Enterprise Data Catalog Scanner Configuration Guide > Configuring Data Engineering Resources > Cloudera Navigator
  

Cloudera Navigator

Cloudera Navigator is a fully integrated data management and security system for the Hadoop platform.

Objects Extracted

The Cloudera Navigator resource extracts Hive, Impala, and Spark operations.

Permissions to Configure the Resource

Before you create a Cloudera Navigator resource, you must configure the Java heap size for the Cloudera Navigator server and the maximum heap size for Catalog Service. If you do not correctly configure the heap sizes, the metadata load can fail.
Configure the following heap sizes:
If you perform simultaneous resource loads, increase the maximum heap size by at least 1024 MB (1 GB) for each resource load. For example, to load two Cloudera Navigator resources simultaneously, increase the maximum heap size by 2048 MB (2 GB). Therefore, you would set Max Heap Size to at least 6144 MB.
Note: Some Cloudera distributions might require a maximum heap size larger than 4 GB. If the metadata load fails with an out of memory error, increase the maximum heap size.
On the Cloudera Navigator data source, assign the Navigator Administartor permission for the user account that you use to access the data source. This is the minimum permission required to extract metadata from the Cloudera Navigator data source.

Basic Information

The General tab includes the following basic information about the resource:
Information
Description
Name
The name of the resource.
Description
The description of the resource.
Resource type
The type of the resource.
Execute On
You can choose to execute on the default catalog server or offline.
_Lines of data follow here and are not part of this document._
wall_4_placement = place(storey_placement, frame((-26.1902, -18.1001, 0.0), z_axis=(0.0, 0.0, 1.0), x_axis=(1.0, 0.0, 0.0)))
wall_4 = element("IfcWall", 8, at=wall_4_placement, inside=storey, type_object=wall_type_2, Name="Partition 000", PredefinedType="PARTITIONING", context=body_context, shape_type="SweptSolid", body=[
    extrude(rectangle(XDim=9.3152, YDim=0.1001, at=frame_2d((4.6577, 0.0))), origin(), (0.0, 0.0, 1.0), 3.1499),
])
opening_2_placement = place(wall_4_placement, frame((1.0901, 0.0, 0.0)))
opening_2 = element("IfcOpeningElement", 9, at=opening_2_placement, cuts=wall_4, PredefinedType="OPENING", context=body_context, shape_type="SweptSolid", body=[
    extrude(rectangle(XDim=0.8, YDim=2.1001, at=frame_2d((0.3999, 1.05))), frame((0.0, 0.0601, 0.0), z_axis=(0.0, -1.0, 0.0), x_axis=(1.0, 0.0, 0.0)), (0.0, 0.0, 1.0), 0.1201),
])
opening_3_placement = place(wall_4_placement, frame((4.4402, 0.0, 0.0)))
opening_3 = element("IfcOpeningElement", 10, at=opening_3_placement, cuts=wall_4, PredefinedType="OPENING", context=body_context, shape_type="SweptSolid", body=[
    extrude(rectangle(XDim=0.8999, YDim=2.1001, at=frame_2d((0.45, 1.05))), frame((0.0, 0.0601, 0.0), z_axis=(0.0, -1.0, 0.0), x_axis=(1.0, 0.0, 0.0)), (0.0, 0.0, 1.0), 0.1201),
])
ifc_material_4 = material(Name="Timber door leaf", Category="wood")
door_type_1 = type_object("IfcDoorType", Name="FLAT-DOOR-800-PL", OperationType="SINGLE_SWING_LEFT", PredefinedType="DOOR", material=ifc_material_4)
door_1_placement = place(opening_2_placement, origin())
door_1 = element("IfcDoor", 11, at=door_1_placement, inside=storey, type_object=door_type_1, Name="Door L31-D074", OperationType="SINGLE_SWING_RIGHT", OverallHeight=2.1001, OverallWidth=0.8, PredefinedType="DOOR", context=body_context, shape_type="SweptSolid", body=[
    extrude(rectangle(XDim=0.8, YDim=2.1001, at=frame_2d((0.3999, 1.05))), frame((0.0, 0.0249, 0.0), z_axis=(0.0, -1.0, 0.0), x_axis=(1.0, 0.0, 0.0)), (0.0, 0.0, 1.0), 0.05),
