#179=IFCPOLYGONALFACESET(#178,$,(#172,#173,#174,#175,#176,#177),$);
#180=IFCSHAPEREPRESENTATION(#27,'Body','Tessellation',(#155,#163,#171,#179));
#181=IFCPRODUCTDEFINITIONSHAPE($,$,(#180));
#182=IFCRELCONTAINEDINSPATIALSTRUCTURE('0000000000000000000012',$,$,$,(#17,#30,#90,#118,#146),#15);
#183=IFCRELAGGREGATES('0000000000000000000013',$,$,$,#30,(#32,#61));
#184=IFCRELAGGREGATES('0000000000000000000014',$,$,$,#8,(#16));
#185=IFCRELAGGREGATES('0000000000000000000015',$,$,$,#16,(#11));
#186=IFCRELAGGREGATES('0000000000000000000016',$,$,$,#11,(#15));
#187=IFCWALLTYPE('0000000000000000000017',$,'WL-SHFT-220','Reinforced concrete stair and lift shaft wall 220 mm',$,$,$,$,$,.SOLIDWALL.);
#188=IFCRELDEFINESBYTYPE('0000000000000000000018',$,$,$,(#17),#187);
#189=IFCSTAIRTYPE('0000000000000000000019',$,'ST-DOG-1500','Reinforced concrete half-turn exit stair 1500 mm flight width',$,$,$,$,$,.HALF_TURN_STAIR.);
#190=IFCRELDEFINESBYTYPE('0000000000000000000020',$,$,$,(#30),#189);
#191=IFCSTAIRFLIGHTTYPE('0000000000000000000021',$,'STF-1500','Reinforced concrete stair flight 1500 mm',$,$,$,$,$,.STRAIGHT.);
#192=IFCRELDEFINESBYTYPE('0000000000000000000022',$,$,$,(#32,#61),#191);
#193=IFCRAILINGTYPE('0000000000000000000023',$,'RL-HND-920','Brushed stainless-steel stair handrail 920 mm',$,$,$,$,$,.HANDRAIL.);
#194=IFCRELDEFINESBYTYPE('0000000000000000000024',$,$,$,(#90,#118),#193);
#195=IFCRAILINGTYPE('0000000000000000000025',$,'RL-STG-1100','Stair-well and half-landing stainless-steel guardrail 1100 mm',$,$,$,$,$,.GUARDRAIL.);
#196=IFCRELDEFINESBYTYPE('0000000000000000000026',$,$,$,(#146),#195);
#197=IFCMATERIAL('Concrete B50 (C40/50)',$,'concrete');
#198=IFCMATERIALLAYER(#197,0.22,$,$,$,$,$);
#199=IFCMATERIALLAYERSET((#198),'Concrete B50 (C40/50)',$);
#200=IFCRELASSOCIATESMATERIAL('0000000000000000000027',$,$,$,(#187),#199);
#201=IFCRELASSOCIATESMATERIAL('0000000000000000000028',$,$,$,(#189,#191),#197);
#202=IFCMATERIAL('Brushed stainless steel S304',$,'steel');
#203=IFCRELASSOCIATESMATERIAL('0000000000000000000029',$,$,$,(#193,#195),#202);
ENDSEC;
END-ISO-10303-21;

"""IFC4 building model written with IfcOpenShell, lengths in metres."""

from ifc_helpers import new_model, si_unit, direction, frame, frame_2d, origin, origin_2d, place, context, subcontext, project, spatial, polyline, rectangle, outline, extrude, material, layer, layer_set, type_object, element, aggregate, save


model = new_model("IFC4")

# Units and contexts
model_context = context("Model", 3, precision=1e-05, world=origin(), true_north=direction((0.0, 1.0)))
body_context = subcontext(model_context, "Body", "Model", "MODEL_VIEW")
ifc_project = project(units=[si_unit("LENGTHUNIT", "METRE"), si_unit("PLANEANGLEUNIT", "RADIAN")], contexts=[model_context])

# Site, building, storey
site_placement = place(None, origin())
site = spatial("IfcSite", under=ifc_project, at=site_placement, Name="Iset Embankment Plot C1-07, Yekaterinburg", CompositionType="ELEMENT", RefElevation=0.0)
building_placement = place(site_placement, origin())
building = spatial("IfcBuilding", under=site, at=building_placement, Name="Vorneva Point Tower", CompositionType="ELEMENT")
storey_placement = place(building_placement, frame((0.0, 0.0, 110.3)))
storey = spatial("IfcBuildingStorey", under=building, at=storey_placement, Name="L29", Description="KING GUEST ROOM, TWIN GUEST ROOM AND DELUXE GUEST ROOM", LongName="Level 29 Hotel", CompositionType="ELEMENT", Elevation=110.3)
Resource Connection Properties

Configure the connection properties when you create or edit a Cloudera Navigator resource.
The following table describes the connection properties:
Property
Description
Navigator URL
URL of the Cloudera Navigator Server.
You can provide the following options in the URL to tune the resource:
  • - searchLimit. Specifies the Solr search limit. Use this parameter if you want to restrict the number of objects retrieved from Cloudera Navigator. Default is 10000.
  • - maximumPoolSize. Specifies the maximum number of connections to Cloudera Navigator. Default is 20. Minimum is 10.
  • - queueSize. Specifies the number of tasks held in the queue before the tasks are run. Default is five times the value of maximumPoolSize. A higher value for the queueSize option requires more memory.
  • - disableIncremental. Set this option to true to disable incremental scans by the resource.
Provide the URL with the tuning options as shown in the following sample format: http://<host name:<port>>/?searchLimit=10000&maximumPoolSize=15&queueSize=1000&disableIncremental=true
User
Name of the user account that connects to Cloudera Navigator.
Password
Password for the user account that connects to Cloudera Navigator.
The following image shows sample connection properties on the General tab:
The image displays the connection properties for a Cloudera Navigator resource.
The following table describes the Additional and Advanced properties for source metadata settings on the Metadata Load Settings tab:
Property
Description
Enable Source Metadata
Select to extract metadata from the data source.
Auto Assign Connections
Select this option to specify that the connection must be assigned automatically.
Enable Reference Resources
Option to extract metadata about assets that are not included in this resource, but referred to in the resource. Examples include source and target tables in PowerCenter mappings, and source tables and files from Tableau reports.
Retain Unresolved Reference Assets
Option to retain unresolved reference assets in the catalog after you assign connections. Retaining unresolved reference assets help you view the complete lineage. The unresolved assets include deleted files, temporary tables, and other assets that are not present in the primary resource.
Hive Database
Name of the Hive database or a schema from where you want to import a table.
Detailed Lineage
Select to extract and ingest metadata related to transformation logic for assets that include transformations.
Transformation
A transformation indicates generation, modification, or passage of data between source and target connections.
Transformation logic
A transformation logic displays the mappings or data flow relation types between source assets and target assets related to the asset you select in Enterprise Data Catalog.
Memory
Specify the memory value required to run a scanner job.
Specify one of the following memory values:
  • - Low
  • - Medium
  • - High
Note: For more information about the memory values, see the Tuning Enterprise Data Catalog Performance article on How To-Library Articles tab in the Informatica Doc Portal.
Custom Options
JVM parameters that you can set to configure scanner container. Use the following arguments to configure the parameters:
  • - -Dscannerloglevel=<DEBUG/INFO/ERROR>. Changes the log level of scanner to values, such as DEBUG, ERROR, or INFO. Default value is INFO.
  • - -Dscanner.container.core=<No. of core>. Increases the core for the scanner container. The value should be a number.
  • - -Dscanner.yarn.app.environment=<key=value>. Key pair value that you need to set in the Yarn environment. Use a comma to separate the key pair value.
  • - -Dscanner.pmem.enabled.container.memory.jvm.memory.ratio=<1.0/2.0>. Increases the scanner container memory when pmem is enabled. The default value is 1.